I'm wanting to upgrade filtration on my two 20 gallon tanks, right now they have internal filters. I'd like to get a couple of Eheim 2213 filters as I do plan on getting these tanks planted down the line. I'm wondering if I will be able to use a canister on the lower tank though:








The lower 20 is only elevated off the floor about 3.5" and moving it elsewhere is not an option at the moment. Will the 2213 run on this tank? How about another brand of canister filter? If it won't run as-is, can I modify it with a small power head and make it work (if so, please do suggest a powerhead as I'm quite clueless)?

Thanks in advance!

Edited: Maybe this powerhead:
Aquarium Water Current: Rio Aqua Water Pumps
The Rio 200 model pumps 138 GPH and has a 1/2" fitting which I believe matches the 2213. Or the 600 model for higher GPH is only $.80 more if it will work with the filter.


----------



## John N. (Dec 11, 2005)

I used to use a Eheim 2213 side by side next to the aquarium due to available space issues. I didn't have a problem running it. It sucked, filtered, and functioned normally. Flow was a good as it is in its current position under the tank.

-John N.


----------



## webcricket (Oct 16, 2006)

That is fantastic to hear! 

I think I will go ahead and get these things ordered then. I'm just excited to be taking steps to getting these tanks prepped for plants! I have new glass hoods coming already, so now I'll just have to work out the DIY lighting.


----------



## Laith (Sep 4, 2004)

I've also run Eheims next to tanks. As long as the water level of the tank is higher than the top of the Eheim (I remember reading somewhere that Eheim recommended at least 10cm or 15cm, or 4"-6") it should work.

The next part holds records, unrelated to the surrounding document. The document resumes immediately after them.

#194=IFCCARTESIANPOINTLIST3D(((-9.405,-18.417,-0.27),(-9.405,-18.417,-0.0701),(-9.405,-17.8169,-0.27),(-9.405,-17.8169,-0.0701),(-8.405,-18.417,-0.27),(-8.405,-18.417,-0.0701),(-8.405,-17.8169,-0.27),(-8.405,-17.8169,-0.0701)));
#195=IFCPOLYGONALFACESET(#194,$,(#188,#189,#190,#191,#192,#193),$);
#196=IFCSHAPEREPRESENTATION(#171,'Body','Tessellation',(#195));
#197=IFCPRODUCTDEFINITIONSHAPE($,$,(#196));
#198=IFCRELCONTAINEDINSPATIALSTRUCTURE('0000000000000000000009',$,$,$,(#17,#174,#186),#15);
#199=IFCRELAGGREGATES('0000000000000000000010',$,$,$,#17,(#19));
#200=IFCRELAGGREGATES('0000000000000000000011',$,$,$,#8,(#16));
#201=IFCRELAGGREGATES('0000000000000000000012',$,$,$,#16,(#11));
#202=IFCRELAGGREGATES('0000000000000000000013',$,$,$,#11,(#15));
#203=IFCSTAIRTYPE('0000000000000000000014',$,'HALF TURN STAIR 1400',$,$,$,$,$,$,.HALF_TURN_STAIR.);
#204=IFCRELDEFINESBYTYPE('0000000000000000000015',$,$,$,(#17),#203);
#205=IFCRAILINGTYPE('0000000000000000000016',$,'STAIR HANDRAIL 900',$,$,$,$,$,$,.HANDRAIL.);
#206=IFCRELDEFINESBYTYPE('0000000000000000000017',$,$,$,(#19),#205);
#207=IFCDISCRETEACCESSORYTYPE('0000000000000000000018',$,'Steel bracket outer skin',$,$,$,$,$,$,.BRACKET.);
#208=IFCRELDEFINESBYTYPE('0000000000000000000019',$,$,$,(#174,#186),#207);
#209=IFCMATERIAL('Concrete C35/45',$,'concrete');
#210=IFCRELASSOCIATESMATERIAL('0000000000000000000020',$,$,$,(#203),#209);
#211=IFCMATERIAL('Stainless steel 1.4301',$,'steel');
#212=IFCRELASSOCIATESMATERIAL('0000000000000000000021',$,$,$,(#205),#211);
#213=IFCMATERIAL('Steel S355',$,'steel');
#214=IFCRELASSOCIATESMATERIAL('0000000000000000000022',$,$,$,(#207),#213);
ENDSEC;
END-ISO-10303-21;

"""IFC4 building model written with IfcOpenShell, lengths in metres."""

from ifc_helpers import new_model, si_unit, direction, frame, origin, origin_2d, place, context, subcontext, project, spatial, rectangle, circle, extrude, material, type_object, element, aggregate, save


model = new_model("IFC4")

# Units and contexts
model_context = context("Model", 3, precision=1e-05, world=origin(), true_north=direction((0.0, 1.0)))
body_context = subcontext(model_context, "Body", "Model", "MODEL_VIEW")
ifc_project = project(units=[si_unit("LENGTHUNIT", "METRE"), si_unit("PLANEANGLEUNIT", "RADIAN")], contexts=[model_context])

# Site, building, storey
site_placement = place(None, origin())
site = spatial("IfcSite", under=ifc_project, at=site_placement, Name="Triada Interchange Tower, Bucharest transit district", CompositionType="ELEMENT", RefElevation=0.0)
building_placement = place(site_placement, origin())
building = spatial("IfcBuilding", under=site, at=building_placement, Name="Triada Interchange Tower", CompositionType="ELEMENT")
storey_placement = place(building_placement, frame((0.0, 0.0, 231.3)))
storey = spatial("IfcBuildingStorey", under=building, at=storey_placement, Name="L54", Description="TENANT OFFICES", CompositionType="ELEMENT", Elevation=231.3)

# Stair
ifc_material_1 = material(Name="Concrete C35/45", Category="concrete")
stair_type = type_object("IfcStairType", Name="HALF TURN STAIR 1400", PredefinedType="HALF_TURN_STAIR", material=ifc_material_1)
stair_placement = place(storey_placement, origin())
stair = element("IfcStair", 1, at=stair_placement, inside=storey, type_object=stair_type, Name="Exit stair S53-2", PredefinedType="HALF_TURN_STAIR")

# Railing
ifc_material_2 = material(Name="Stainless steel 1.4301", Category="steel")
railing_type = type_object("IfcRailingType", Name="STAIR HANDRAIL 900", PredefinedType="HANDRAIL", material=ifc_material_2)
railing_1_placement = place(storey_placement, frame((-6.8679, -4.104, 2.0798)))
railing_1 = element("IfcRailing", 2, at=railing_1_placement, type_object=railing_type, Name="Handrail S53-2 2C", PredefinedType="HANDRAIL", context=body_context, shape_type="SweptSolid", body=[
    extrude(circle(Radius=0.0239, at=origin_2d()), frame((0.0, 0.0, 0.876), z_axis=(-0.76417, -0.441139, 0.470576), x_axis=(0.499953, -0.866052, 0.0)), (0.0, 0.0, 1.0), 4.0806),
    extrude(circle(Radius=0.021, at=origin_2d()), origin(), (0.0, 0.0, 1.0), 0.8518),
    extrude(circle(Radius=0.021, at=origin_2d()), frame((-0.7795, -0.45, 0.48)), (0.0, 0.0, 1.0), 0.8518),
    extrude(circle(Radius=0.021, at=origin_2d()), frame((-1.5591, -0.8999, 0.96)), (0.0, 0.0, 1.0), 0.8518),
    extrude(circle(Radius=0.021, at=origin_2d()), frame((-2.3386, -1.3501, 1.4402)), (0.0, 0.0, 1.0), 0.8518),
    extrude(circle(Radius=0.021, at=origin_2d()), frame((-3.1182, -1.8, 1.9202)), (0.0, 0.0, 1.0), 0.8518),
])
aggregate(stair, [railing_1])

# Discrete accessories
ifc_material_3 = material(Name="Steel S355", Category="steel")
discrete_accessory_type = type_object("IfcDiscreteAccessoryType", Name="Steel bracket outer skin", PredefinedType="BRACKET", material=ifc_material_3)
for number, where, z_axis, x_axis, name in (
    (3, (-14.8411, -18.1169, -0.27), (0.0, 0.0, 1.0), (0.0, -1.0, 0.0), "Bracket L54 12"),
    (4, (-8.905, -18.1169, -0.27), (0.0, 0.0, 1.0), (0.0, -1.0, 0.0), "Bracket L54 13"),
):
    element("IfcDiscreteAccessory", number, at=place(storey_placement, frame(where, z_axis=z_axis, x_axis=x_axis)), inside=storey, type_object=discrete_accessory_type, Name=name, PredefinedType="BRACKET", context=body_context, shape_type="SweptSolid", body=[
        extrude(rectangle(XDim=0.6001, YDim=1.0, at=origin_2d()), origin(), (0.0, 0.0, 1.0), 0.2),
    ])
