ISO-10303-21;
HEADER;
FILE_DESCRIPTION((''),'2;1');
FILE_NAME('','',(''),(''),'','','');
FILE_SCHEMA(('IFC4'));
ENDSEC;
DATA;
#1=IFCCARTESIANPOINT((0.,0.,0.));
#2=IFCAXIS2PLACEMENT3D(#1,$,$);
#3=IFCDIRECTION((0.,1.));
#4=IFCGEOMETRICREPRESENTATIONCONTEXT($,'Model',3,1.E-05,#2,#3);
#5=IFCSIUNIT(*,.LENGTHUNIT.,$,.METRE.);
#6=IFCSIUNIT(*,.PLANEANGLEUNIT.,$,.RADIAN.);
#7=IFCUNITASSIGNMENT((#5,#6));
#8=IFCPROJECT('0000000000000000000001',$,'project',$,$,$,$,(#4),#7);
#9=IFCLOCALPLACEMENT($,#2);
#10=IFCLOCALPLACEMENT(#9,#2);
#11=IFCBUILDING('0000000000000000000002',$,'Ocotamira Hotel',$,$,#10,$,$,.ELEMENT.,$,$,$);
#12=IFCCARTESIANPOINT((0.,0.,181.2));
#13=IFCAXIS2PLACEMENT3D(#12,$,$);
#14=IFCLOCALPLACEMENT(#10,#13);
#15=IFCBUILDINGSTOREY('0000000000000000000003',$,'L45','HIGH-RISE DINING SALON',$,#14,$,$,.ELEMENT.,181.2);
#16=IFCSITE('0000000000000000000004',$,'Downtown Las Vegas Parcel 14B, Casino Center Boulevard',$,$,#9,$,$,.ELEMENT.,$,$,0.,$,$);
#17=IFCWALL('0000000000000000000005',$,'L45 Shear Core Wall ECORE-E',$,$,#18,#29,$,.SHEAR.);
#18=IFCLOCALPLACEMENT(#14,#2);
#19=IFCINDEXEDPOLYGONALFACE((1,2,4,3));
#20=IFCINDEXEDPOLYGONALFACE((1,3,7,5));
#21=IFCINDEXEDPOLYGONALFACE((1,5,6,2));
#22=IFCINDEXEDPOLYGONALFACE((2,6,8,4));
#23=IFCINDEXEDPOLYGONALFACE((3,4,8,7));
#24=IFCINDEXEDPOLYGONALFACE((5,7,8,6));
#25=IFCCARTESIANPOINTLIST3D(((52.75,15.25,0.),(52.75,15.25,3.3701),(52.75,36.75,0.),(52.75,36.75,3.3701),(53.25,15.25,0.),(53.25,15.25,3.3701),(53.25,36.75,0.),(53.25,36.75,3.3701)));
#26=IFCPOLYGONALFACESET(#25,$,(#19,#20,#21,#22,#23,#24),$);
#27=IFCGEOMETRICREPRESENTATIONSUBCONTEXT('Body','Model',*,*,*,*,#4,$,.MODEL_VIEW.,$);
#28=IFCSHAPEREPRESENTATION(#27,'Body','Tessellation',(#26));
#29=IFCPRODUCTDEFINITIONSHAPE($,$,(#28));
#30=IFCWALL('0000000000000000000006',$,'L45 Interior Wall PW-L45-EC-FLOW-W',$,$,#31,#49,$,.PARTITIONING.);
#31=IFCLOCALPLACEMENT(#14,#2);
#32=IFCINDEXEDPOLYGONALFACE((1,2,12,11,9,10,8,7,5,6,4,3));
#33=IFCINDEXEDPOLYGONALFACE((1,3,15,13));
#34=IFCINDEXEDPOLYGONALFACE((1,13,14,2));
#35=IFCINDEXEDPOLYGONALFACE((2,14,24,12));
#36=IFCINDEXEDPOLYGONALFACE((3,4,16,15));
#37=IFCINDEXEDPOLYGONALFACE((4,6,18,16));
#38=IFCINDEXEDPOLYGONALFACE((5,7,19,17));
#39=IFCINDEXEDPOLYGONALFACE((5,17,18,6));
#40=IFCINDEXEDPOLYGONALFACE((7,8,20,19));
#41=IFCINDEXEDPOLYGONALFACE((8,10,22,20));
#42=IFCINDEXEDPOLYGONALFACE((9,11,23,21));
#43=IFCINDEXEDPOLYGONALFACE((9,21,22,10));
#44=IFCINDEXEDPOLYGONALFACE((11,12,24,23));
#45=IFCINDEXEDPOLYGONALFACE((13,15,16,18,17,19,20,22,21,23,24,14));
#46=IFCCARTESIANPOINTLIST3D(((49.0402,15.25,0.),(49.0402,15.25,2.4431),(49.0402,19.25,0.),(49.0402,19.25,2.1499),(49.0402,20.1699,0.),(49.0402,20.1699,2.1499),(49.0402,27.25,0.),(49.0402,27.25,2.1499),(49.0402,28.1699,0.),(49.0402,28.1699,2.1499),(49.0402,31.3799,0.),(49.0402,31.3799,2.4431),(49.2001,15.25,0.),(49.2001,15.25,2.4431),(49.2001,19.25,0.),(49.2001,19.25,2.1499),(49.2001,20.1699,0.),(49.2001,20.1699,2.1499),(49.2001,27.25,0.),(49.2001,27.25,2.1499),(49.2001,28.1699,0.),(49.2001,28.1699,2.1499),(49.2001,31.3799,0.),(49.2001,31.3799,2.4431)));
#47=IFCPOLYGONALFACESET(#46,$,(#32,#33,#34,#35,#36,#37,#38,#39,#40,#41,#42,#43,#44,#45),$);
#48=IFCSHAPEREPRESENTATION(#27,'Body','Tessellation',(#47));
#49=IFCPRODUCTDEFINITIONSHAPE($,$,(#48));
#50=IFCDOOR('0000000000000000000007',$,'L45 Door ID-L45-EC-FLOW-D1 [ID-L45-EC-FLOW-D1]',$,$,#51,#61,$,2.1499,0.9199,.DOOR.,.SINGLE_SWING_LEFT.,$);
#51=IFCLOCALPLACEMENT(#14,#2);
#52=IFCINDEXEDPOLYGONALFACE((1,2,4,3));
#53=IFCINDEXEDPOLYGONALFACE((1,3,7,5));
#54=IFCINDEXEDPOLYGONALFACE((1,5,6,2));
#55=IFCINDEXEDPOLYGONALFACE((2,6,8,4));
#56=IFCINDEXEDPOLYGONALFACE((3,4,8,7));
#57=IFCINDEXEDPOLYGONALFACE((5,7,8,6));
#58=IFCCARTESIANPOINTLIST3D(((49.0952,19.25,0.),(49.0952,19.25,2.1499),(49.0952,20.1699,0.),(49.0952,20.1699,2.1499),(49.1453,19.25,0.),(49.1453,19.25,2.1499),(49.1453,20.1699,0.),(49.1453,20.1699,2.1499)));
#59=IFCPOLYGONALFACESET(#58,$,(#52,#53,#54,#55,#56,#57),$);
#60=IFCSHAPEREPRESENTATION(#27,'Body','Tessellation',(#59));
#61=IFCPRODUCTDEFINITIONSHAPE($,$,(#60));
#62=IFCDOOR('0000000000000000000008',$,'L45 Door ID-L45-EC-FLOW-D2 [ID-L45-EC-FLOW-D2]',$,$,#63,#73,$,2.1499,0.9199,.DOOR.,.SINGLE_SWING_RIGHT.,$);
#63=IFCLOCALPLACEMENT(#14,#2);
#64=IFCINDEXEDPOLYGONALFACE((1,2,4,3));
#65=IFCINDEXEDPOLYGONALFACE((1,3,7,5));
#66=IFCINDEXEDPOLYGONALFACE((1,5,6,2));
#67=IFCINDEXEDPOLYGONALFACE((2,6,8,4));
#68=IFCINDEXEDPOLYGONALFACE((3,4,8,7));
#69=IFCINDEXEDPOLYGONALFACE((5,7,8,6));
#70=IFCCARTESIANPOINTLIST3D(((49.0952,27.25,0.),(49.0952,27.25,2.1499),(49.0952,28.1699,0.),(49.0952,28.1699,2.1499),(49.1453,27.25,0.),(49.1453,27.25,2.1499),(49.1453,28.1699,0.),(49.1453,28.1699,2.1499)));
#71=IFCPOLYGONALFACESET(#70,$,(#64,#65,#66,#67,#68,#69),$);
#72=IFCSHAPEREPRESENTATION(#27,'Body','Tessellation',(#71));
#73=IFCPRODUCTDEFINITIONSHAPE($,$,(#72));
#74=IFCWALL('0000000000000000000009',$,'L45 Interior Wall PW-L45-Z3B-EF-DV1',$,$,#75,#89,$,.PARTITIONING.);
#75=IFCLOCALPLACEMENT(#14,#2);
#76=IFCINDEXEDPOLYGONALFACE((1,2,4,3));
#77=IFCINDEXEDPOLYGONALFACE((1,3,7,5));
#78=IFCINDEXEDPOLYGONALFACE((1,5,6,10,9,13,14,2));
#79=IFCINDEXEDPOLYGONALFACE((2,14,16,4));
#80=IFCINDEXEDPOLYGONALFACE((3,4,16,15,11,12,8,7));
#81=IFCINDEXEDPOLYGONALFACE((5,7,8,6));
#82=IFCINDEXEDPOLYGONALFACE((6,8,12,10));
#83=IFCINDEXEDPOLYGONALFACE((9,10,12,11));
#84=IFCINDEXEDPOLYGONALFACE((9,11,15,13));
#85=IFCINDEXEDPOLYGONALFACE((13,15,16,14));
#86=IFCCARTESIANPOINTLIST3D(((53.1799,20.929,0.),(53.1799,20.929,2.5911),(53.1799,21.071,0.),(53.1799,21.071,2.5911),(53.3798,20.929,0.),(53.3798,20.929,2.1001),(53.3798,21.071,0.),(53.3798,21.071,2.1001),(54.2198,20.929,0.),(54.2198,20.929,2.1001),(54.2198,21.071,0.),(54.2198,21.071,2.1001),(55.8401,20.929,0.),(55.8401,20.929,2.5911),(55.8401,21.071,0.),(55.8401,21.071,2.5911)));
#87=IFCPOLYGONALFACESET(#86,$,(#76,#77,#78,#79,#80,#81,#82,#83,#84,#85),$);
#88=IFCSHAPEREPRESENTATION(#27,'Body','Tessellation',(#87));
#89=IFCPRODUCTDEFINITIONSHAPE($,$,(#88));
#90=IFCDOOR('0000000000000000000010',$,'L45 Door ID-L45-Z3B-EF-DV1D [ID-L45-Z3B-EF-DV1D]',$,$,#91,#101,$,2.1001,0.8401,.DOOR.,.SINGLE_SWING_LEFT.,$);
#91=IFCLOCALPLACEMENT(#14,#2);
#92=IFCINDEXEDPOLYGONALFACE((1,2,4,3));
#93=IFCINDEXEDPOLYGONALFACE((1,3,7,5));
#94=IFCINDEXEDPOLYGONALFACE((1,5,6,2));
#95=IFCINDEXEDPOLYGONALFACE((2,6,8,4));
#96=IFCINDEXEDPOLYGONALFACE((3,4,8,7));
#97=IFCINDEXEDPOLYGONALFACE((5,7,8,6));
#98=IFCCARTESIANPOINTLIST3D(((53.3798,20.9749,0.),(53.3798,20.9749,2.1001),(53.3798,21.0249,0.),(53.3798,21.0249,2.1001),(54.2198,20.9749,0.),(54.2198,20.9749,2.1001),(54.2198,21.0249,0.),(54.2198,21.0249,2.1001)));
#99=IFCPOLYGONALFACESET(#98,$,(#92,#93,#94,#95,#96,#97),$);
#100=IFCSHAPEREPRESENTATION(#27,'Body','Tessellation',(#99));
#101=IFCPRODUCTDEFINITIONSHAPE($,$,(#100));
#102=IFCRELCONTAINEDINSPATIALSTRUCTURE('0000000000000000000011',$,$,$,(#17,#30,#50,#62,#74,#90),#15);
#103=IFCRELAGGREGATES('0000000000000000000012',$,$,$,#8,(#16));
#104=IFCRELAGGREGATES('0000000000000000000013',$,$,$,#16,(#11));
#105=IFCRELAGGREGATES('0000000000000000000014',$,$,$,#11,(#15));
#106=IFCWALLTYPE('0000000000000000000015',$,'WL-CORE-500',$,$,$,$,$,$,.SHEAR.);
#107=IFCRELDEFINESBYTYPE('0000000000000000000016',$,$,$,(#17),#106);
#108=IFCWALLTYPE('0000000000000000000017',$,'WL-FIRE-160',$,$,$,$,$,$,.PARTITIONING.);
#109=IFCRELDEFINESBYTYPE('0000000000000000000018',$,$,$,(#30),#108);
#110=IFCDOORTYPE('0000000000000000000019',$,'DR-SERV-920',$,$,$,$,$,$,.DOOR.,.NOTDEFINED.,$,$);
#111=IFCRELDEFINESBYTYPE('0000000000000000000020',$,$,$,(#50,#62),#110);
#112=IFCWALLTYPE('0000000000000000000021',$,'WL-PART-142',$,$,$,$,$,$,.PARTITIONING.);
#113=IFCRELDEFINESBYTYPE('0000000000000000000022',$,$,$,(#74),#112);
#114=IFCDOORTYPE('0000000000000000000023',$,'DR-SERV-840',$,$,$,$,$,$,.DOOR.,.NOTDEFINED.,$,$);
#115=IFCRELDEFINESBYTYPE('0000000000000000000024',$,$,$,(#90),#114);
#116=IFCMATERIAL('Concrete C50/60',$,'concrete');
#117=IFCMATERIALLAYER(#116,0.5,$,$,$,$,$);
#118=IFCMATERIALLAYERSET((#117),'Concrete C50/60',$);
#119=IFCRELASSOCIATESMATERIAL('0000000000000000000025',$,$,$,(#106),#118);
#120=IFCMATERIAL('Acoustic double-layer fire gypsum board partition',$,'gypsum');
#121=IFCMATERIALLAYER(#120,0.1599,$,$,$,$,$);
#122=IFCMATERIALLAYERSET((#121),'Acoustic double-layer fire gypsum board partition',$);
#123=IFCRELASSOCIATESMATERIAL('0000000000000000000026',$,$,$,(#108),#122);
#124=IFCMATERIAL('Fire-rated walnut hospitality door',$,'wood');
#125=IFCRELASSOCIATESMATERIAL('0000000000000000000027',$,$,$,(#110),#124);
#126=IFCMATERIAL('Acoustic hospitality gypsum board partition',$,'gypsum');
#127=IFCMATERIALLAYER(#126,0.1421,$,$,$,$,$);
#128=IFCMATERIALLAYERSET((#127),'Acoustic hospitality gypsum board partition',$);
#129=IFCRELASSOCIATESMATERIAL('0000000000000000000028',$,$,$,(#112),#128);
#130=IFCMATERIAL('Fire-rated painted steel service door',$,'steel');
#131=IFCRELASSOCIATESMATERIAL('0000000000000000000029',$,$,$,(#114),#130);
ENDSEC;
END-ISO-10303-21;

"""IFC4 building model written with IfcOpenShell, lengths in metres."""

from ifc_helpers import new_model, si_unit, direction, frame, frame_2d, origin, place, context, subcontext, project, spatial, rectangle, extrude, source, transform, mapped, material, layer, layer_set, type_object, element, fill, save


model = new_model("IFC4")

# Units and contexts
model_context = context("Model", 3, precision=1e-05, world=origin(), true_north=direction((0.0, 1.0)))
body_context = subcontext(model_context, "Body", "Model", "MODEL_VIEW")
ifc_project = project(units=[si_unit("LENGTHUNIT", "METRE"), si_unit("PLANEANGLEUNIT", "RADIAN")], contexts=[model_context])

# Site, building, storey
site_placement = place(None, origin())
site = spatial("IfcSite", under=ifc_project, at=site_placement, Name="Downtown Las Vegas Parcel 14B, Casino Center Boulevard", CompositionType="ELEMENT", RefElevation=0.0)
building_placement = place(site_placement, origin())
building = spatial("IfcBuilding", under=site, at=building_placement, Name="Ocotamira Hotel", CompositionType="ELEMENT")
storey_placement = place(building_placement, frame((0.0, 0.0, 181.2)))
storey = spatial("IfcBuildingStorey", under=building, at=storey_placement, Name="L45", Description="HIGH-RISE DINING SALON", CompositionType="ELEMENT", Elevation=181.2)

# Wall
ifc_material_1 = material(Name="Concrete C50/60", Category="concrete")
ifc_layer_1 = layer(ifc_material_1, 0.5)
ifc_layer_set_1 = layer_set([ifc_layer_1], Name="Concrete C50/60")
wall_type_1 = type_object("IfcWallType", Name="WL-CORE-500", PredefinedType="SHEAR", material=ifc_layer_set_1)
wall_1_placement = place(storey_placement, frame((53.0, 15.25, 0.0), z_axis=(0.0, 0.0, 1.0), x_axis=(0.0, 1.0, 0.0)))
element("IfcWall", 1, at=wall_1_placement, inside=storey, type_object=wall_type_1, Name="L45 Shear Core Wall ECORE-E", PredefinedType="SHEAR", context=body_context, shape_type="SweptSolid", body=[
    extrude(rectangle(XDim=21.5, YDim=0.5, at=frame_2d((10.75, 0.0))), origin(), (0.0, 0.0, 1.0), 3.3701),
])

Eheim (and I think most cannisters) work on a siphon intake and then pumped output back to the tank.


----------



## John N. (Dec 11, 2005)

Yup, with the intake hose connected at the lower portion of the canister filter this siphon is acheived. Even still you can get the canister pumping by filling it up slightly to get it geared up to push and suck the water through the system. All in all it works, and you shouldn't have any issues side by side.

-John N.


----------



## timlawyer (May 2, 2006)

*Height differential on Eheim*

The Eheim will work on the bottom tank, but not as well as you would like. The amount of water pressure gained (or lost) by just a few inches of height is directly proportional to the water pressure. The eheim should be between 24 - 36 inches below surface of the water. At 36 inches - the water column alone creates 1.298psi - at 6 inches below the surface of the water - .216psi or 1/6th the pressure. All things being equal, from a pressure standpoint you are reducing the Eheim 2213 to 1/6th its normal operating pressure.
Now - exactly what effect this will have on its ability to filter - well that I don't have a formula to figure out.
Here is a link for a water pressure calculator:

http://www.lmnoeng.com

Tim


----------



## webcricket (Oct 16, 2006)

I got the new filters set-up and they are working great! I notice no flow difference at all between the two tanks. The top of the canister ended up being about 7" below the water level on the bottom tank. 

I'm pretty impressed with the Eheim product overall. It primed easily and I already tested out the double tap system so I know how to clean it down the road. They are so quite! 

My only complaint is the green tubing, but I suppose clear tubing would get some discoloration anyway.


----------